Le blues du dictateur
chevalduvent
Un arbre. La mélodie des feuilles désinhibées par le vent. A l’horizon, le soleil en demi-cercle à hauteur d’homme. Mes yeux trébuchent sur les hanches d’une passante et mon cœur prend l’ascenseur. Ma vision du Salut. La troisième cette semaine. Inspirée des 24 photographies du système que mon regard use à coup de fantasmes. Je n’ai pas subi d’électrocution pour violation de l’article 7 prohibant l’accès à toute forme de pensée abstraite car je suis à l’origine de ce châtiment. A l’origine de chaque mot figurant dans le Règlement Universel. J’ai tous les droits.
Aujourd’hui j’ai décidé de partir. Au sens lugubre du terme. Je ne sais qui je suis ni me suit, j’ignore le point de départ. Le final m’appartient.
Au commencement, ma tête reposait sur un livre d’instructions dont la grossesse couvait trois injonctions : « 1. Restez connecté 2. Rédigez le Règlement Universel – le RU (voir indications manuel 87B) 3. Pilotez le système ». Mon premier réflexe: honorer la fuite dans son habit le plus impulsif. Dans cette pièce blanche comme un linceul divin, aucune porte. Au bout des 6 premières minutes – dixit l’horloge numérique rouge sang dévoilant le chiffre 6 précédé de 7 zéros – mon cœur cognait avec la force d’un canon, balançant des projectiles sur la paroi de ma poitrine. Ma respiration, haletante, ainsi qu’une fatigue digne des préludes de l’inconscience trahissaient une anomalie. Je m’évanouissais. L’instinct aidant, je compris rapidement que la sonde que j’avais arrachée dans l’agitation devait réintégrer la chair de mon avant-bras. « Restez connecté », c’était pourtant écrit.
J’avais failli perdre la vie en enfreignant la première règle. J’honorai la seconde sans hésitation et rédigeai le RU muni du manuel 87B, un livre d’histoire. Décharné, les quelques explications qu’il contenait tenaient dans 6 paragraphes, tous garnis d’un titre. Un sommaire aurait ressemblé à ceci : « La Première Guerre Mondiale. La seconde. Le 11 septembre. La rupture. Le nouveau monde. Le règne de l’individualité ». Puis une myriade de feuilles vierges. Jusqu’à son terme où des indications se déroulaient en quelques mots : « contrôler », « observer l’ordre », « répression ».

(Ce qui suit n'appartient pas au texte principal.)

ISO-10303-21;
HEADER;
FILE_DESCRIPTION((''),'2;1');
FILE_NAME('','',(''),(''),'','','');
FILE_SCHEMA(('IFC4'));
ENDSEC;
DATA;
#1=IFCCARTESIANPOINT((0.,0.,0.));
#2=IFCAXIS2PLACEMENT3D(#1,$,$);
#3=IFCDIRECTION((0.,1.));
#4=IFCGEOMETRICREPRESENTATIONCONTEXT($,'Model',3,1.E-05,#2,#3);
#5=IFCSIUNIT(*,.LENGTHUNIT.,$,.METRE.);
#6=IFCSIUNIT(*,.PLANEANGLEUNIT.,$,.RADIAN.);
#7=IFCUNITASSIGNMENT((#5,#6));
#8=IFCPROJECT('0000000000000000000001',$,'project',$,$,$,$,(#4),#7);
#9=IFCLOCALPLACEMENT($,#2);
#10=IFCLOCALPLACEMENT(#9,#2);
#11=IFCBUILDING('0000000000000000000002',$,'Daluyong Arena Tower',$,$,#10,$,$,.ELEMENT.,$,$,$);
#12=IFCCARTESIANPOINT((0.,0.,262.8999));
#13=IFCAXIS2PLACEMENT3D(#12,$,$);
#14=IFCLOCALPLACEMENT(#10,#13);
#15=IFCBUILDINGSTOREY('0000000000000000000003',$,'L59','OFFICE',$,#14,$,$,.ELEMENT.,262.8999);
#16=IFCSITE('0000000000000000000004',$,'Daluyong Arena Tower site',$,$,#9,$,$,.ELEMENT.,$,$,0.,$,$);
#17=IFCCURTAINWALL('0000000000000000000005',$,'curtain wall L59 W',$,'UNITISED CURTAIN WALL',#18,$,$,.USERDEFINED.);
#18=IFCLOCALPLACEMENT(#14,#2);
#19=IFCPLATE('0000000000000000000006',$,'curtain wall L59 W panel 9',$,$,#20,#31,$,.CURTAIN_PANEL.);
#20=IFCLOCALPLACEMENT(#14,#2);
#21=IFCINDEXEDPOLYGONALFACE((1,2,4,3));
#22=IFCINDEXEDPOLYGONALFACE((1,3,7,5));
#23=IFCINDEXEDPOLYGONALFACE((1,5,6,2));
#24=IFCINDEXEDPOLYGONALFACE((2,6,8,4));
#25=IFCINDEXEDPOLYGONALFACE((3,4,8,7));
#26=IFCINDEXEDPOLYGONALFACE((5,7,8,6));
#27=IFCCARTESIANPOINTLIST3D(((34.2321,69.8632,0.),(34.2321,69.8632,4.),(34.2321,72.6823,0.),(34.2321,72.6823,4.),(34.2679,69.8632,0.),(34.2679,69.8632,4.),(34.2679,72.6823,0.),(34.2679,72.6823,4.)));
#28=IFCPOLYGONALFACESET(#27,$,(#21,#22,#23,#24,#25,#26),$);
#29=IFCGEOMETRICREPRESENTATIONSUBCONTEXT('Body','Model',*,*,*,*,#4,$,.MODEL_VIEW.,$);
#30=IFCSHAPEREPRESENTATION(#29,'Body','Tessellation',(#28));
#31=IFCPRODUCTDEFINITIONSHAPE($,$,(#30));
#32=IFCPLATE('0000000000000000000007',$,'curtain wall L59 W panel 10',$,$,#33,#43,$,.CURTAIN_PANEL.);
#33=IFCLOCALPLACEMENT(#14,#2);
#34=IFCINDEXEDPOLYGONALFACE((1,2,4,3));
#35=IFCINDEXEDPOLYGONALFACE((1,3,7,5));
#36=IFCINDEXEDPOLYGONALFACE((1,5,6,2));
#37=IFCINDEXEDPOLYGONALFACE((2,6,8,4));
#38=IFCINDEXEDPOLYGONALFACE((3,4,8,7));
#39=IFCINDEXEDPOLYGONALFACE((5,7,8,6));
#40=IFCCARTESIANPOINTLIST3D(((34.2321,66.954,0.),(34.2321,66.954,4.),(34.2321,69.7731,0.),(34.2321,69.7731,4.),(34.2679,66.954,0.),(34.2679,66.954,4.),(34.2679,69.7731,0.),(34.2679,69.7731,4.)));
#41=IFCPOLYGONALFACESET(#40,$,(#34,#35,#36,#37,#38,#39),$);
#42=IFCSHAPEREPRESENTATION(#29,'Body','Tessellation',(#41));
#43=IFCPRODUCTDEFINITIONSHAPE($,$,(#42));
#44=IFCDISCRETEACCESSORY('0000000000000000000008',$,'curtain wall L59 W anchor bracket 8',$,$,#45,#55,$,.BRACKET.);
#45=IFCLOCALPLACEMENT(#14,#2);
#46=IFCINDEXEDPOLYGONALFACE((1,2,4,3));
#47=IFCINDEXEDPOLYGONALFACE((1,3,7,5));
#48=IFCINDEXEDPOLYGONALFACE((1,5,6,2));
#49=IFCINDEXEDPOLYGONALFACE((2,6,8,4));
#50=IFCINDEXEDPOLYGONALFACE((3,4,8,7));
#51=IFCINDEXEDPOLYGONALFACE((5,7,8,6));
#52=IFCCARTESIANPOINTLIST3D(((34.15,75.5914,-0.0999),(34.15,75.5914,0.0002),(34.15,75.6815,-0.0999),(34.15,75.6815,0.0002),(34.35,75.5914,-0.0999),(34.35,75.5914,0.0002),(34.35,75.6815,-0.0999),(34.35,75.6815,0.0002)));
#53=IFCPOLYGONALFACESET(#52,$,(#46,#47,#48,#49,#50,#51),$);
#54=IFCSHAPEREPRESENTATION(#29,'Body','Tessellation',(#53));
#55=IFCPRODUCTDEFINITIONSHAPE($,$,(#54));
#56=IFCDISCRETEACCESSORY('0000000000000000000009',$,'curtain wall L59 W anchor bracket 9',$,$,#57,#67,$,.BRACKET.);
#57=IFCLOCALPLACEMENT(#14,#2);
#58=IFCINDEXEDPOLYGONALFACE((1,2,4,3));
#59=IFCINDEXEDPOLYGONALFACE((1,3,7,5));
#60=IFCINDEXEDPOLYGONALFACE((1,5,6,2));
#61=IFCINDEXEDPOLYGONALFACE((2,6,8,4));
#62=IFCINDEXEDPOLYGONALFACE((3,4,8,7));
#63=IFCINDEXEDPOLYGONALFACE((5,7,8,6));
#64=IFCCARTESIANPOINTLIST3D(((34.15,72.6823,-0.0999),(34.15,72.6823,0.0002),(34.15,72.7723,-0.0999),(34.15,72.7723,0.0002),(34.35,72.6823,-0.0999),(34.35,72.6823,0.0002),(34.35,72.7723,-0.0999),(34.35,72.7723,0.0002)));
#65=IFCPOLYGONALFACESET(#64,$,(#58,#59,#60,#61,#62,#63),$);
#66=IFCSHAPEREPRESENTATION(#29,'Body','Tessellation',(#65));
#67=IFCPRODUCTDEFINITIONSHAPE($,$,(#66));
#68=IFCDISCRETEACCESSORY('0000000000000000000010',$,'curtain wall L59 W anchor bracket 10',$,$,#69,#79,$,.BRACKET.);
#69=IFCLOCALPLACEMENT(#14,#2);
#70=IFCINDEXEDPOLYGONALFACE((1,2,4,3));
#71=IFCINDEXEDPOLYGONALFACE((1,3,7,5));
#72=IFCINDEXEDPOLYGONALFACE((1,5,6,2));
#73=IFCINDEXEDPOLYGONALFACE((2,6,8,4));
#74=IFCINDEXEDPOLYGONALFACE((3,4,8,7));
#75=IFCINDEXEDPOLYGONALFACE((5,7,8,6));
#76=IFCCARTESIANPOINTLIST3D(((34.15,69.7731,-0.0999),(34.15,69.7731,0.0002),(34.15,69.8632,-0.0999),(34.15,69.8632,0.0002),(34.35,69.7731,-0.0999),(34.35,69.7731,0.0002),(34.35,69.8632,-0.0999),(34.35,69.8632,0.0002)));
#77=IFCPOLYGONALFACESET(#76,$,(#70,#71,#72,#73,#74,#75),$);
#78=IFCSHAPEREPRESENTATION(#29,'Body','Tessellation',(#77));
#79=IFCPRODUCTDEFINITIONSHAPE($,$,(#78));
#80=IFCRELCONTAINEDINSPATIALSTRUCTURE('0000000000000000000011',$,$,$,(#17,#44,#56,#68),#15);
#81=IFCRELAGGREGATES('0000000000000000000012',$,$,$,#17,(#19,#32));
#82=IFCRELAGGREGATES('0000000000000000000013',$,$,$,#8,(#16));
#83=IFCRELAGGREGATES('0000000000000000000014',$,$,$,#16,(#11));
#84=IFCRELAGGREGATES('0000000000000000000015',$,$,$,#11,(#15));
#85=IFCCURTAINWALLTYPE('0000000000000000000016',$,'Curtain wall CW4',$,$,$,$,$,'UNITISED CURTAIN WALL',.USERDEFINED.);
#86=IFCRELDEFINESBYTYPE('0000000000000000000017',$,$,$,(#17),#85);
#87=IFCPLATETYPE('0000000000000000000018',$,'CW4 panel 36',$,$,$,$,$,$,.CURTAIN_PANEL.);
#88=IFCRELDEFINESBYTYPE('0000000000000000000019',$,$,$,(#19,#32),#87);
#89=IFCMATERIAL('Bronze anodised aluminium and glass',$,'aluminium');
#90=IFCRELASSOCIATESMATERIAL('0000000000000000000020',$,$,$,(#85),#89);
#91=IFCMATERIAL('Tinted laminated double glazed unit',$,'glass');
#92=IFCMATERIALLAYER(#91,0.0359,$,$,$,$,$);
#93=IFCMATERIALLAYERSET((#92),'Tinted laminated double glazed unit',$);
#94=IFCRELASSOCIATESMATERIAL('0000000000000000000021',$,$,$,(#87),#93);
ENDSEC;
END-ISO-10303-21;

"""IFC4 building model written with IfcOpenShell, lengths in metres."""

from ifc_helpers import new_model, si_unit, direction, frame, origin, origin_2d, place, context, subcontext, project, spatial, rectangle, extrude, material, layer, layer_set, type_object, element, aggregate, save


model = new_model("IFC4")

# Units and contexts
model_context = context("Model", 3, precision=1e-05, world=origin(), true_north=direction((0.0, 1.0)))
body_context = subcontext(model_context, "Body", "Model", "MODEL_VIEW")
ifc_project = project(units=[si_unit("LENGTHUNIT", "METRE"), si_unit("PLANEANGLEUNIT", "RADIAN")], contexts=[model_context])

# Site, building, storey
site_placement = place(None, origin())
site = spatial("IfcSite", under=ifc_project, at=site_placement, Name="Daluyong Arena Tower site", CompositionType="ELEMENT", RefElevation=0.0)
building_placement = place(site_placement, origin())
building = spatial("IfcBuilding", under=site, at=building_placement, Name="Daluyong Arena Tower", CompositionType="ELEMENT")
storey_placement = place(building_placement, frame((0.0, 0.0, 262.8999)))
storey = spatial("IfcBuildingStorey", under=building, at=storey_placement, Name="L59", Description="OFFICE", CompositionType="ELEMENT", Elevation=262.8999)

# Curtain wall
ifc_material_1 = material(Name="Bronze anodised aluminium and glass", Category="aluminium")
curtain_wall_type = type_object("IfcCurtainWallType", Name="Curtain wall CW4", ElementType="UNITISED CURTAIN WALL", PredefinedType="USERDEFINED", material=ifc_material_1)
curtain_wall_placement = place(storey_placement, origin())
curtain_wall = element("IfcCurtainWall", 1, at=curtain_wall_placement, inside=storey, type_object=curtain_wall_type, Name="curtain wall L59 W", ObjectType="UNITISED CURTAIN WALL", PredefinedType="USERDEFINED")

# Plates
ifc_material_2 = material(Name="Tinted laminated double glazed unit", Category="glass")
ifc_layer = layer(ifc_material_2, 0.0359)
ifc_layer_set = layer_set([ifc_layer], Name="Tinted laminated double glazed unit")
plate_type = type_object("IfcPlateType", Name="CW4 panel 36", PredefinedType="CURTAIN_PANEL", material=ifc_layer_set)
plate_1_placement = place(storey_placement, frame((34.25, 71.2727, 0.0), z_axis=(0.0, 0.0, 1.0), x_axis=(0.0, -1.0, 0.0)))
plate_1 = element("IfcPlate", 2, at=plate_1_placement, type_object=plate_type, Name="curtain wall L59 W panel 9", PredefinedType="CURTAIN_PANEL", context=body_context, shape_type="SweptSolid", body=[
    extrude(rectangle(XDim=2.8191, YDim=0.0359, at=origin_2d()), origin(), (0.0, 0.0, 1.0), 4.0),
])
plate_2_placement = place(storey_placement, frame((34.25, 68.3635, 0.0), z_axis=(0.0, 0.0, 1.0), x_axis=(0.0, -1.0, 0.0)))
plate_2 = element("IfcPlate", 3, at=plate_2_placement, type_object=plate_type, Name="curtain wall L59 W panel 10", PredefinedType="CURTAIN_PANEL", context=body_context, shape_type="SweptSolid", body=[
    extrude(rectangle(XDim=2.8191, YDim=0.0359, at=origin_2d()), origin(), (0.0, 0.0, 1.0), 4.0),
])
aggregate(curtain_wall, [plate_1, plate_2])

# Discrete accessories
for number, where, z_axis, x_axis, name in (
    (4, (34.25, 75.6365, -0.0999), (0.0, 0.0, 1.0), (0.0, -1.0, 0.0), "curtain wall L59 W anchor bracket 8"),
    (5, (34.25, 72.7273, -0.0999), (0.0, 0.0, 1.0), (0.0, -1.0, 0.0), "curtain wall L59 W anchor bracket 9"),
    (6, (34.25, 69.8181, -0.0999), (0.0, 0.0, 1.0), (0.0, -1.0, 0.0), "curtain wall L59 W anchor bracket 10"),
):
    element("IfcDiscreteAccessory", number, at=place(storey_placement, frame(where, z_axis=z_axis, x_axis=x_axis)), inside=storey, Name=name, PredefinedType="BRACKET", context=body_context, shape_type="SweptSolid", body=[
        extrude(rectangle(XDim=0.0901, YDim=0.2, at=origin_2d()), origin(), (0.0, 0.0, 1.0), 0.1001),
    ])

save(model, "model.ifc")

Point 3 : l’ordinateur révélait approximativement 23 milliards de profils, en attente d’instructions. Rapidement, j’envoyai les miennes en prenant soin d’appliquer les châtiments inhérents aux transgressions, actionnant les commandes qui réveillent les flux et parviennent aux « connectés ». Je pilotai le monde. Longtemps. Sans me poser de questions. Pour éviter la mort ?
Jusqu’à cette vision. Le besoin de croire à une autre vie. Un peu de courage et je serai libre. Déconnecté.

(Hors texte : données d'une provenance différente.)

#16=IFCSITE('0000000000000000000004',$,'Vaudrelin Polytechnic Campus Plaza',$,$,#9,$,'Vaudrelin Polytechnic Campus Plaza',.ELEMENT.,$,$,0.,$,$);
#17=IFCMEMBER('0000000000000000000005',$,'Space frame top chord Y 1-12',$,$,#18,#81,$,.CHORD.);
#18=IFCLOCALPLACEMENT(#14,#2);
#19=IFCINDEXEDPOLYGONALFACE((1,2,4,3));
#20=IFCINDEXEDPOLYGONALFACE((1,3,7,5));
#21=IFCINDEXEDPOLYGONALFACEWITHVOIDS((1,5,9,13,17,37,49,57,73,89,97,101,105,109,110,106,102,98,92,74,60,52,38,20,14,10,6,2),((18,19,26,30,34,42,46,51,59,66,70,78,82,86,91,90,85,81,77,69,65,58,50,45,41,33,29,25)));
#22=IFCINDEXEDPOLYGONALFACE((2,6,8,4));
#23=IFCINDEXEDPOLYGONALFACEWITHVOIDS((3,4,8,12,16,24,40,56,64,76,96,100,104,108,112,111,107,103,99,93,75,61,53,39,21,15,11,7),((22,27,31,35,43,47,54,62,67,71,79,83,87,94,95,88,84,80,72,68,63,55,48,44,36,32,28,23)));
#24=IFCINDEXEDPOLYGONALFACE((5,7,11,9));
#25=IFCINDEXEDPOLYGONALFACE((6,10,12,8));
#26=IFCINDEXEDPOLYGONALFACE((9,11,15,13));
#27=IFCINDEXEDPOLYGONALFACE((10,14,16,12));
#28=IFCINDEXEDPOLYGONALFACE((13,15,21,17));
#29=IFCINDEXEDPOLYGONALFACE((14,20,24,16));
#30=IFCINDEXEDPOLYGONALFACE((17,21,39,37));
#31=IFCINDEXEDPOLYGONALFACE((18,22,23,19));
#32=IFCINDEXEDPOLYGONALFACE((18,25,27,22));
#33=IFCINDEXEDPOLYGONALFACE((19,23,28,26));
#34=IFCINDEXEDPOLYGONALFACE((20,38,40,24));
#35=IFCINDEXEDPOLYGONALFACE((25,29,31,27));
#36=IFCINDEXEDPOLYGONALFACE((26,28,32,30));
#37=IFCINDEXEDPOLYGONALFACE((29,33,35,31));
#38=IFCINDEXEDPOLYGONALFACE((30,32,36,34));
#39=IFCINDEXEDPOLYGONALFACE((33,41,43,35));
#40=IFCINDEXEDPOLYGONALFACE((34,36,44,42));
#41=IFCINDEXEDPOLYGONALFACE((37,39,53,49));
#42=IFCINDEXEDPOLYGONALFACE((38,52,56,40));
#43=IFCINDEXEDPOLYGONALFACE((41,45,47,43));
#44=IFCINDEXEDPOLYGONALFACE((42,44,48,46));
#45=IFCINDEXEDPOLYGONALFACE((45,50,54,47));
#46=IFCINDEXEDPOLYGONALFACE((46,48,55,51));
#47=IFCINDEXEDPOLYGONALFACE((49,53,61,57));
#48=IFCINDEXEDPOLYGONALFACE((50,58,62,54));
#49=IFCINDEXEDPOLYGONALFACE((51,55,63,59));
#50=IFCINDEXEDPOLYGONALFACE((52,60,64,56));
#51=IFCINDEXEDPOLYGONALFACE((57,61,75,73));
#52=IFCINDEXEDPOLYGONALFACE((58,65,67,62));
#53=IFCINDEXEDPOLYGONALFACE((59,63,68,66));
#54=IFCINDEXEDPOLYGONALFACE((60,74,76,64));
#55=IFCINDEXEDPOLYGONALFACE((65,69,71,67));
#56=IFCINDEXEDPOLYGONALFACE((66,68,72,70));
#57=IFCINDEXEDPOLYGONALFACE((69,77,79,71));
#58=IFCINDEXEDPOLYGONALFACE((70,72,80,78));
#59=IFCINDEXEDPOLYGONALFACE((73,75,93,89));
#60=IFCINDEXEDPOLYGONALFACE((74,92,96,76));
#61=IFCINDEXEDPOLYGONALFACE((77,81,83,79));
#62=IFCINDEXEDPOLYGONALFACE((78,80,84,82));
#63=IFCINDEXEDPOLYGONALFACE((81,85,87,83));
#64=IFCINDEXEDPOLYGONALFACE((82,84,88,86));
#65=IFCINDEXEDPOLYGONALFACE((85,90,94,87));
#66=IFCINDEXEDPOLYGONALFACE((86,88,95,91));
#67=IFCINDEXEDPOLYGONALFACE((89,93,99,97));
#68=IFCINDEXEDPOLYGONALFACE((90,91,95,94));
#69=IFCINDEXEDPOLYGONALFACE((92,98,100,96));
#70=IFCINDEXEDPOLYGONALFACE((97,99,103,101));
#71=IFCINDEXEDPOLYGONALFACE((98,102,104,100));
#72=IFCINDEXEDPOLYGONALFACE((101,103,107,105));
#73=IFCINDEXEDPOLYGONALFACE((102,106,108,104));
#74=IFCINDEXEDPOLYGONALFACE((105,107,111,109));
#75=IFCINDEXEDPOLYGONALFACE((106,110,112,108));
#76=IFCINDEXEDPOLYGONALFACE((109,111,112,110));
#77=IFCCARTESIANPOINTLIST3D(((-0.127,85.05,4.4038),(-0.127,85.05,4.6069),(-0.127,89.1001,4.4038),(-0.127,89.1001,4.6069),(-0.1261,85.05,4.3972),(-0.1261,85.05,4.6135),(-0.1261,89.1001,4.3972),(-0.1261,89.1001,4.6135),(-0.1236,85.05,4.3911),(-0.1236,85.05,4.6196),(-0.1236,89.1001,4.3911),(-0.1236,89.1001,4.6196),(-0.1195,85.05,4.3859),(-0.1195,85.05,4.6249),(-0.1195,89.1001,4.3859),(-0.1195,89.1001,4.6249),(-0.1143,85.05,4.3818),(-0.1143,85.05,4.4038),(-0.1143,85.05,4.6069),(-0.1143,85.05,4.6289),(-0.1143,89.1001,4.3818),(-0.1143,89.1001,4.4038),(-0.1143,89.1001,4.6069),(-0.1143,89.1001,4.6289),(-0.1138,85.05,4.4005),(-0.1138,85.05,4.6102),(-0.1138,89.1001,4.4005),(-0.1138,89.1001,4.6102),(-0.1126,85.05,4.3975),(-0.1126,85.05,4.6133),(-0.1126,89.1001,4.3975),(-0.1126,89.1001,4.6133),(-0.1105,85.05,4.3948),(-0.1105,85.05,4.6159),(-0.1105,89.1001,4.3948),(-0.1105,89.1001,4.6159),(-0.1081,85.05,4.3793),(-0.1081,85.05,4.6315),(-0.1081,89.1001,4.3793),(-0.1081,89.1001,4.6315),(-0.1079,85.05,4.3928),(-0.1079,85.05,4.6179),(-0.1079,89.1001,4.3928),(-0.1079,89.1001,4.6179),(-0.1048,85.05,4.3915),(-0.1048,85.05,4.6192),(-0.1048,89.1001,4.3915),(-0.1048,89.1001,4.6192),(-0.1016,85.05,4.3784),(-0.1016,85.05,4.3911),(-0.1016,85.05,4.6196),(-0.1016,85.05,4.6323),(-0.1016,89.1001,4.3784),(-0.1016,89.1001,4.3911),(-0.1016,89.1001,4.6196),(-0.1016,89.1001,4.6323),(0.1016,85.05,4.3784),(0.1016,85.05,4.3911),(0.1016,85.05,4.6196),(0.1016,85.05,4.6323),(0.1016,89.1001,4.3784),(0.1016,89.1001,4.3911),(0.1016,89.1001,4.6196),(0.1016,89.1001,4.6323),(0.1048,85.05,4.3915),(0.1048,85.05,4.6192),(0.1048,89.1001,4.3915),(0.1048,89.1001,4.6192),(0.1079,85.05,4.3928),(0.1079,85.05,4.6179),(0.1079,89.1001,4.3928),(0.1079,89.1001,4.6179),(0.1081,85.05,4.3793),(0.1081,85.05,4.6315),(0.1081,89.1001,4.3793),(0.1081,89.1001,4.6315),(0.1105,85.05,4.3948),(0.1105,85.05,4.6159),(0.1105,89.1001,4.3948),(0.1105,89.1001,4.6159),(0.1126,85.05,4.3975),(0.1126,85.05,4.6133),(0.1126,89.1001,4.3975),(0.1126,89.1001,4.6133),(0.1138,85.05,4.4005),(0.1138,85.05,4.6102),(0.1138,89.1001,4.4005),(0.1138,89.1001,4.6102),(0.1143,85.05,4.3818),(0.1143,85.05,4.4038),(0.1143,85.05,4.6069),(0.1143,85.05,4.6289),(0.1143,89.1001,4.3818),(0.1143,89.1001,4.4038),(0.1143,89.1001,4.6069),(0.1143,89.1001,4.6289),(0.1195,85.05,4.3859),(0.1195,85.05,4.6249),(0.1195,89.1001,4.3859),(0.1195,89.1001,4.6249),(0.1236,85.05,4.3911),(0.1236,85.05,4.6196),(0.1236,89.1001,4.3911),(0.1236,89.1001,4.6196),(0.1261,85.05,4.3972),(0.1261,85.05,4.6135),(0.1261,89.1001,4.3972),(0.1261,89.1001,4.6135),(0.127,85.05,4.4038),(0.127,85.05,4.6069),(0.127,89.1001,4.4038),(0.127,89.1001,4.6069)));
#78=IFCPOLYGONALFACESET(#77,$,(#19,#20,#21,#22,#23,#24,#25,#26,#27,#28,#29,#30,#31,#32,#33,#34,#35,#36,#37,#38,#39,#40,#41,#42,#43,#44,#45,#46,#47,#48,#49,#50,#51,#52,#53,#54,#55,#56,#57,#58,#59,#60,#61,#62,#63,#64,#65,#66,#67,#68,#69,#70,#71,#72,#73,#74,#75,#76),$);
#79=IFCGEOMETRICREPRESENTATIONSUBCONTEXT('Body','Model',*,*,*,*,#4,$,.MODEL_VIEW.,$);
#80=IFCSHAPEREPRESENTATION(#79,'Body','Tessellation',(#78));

Votre personnage se prépare à la déconnexion. A la lumière de l’écran, les yeux de Charlie, injectés de sang. Une fenêtre apparaît dans le coin supérieur droit. Une question s’insinue: « Suppression du dictateur 1. Etes-vous sûr ? ». Les boutons OUI et NON clignotent en alternance. Charlie hésite.
Charlie ne devrait pas hésiter... ;-) vision apocalyptique qui fait froid dans le dos! Bravo!
· Il y a presque 13 ans ·Elsa Saint Hilaire
collé à l'écran, la vue porte beaucoup moins loin, connecté au poteau de l'anti liberté le pouvoir de l'ordi remplace les coutumes ancestrales, mais l'asservissement reste le même, texte un peu confus avec des trouvailles intérressantes ,bravo
· Il y a presque 13 ans ·franek
Les résultats ne sont pas encore sortis ... Merci Colette, merci Lisa pour vos précieux commentaires qui font du bien.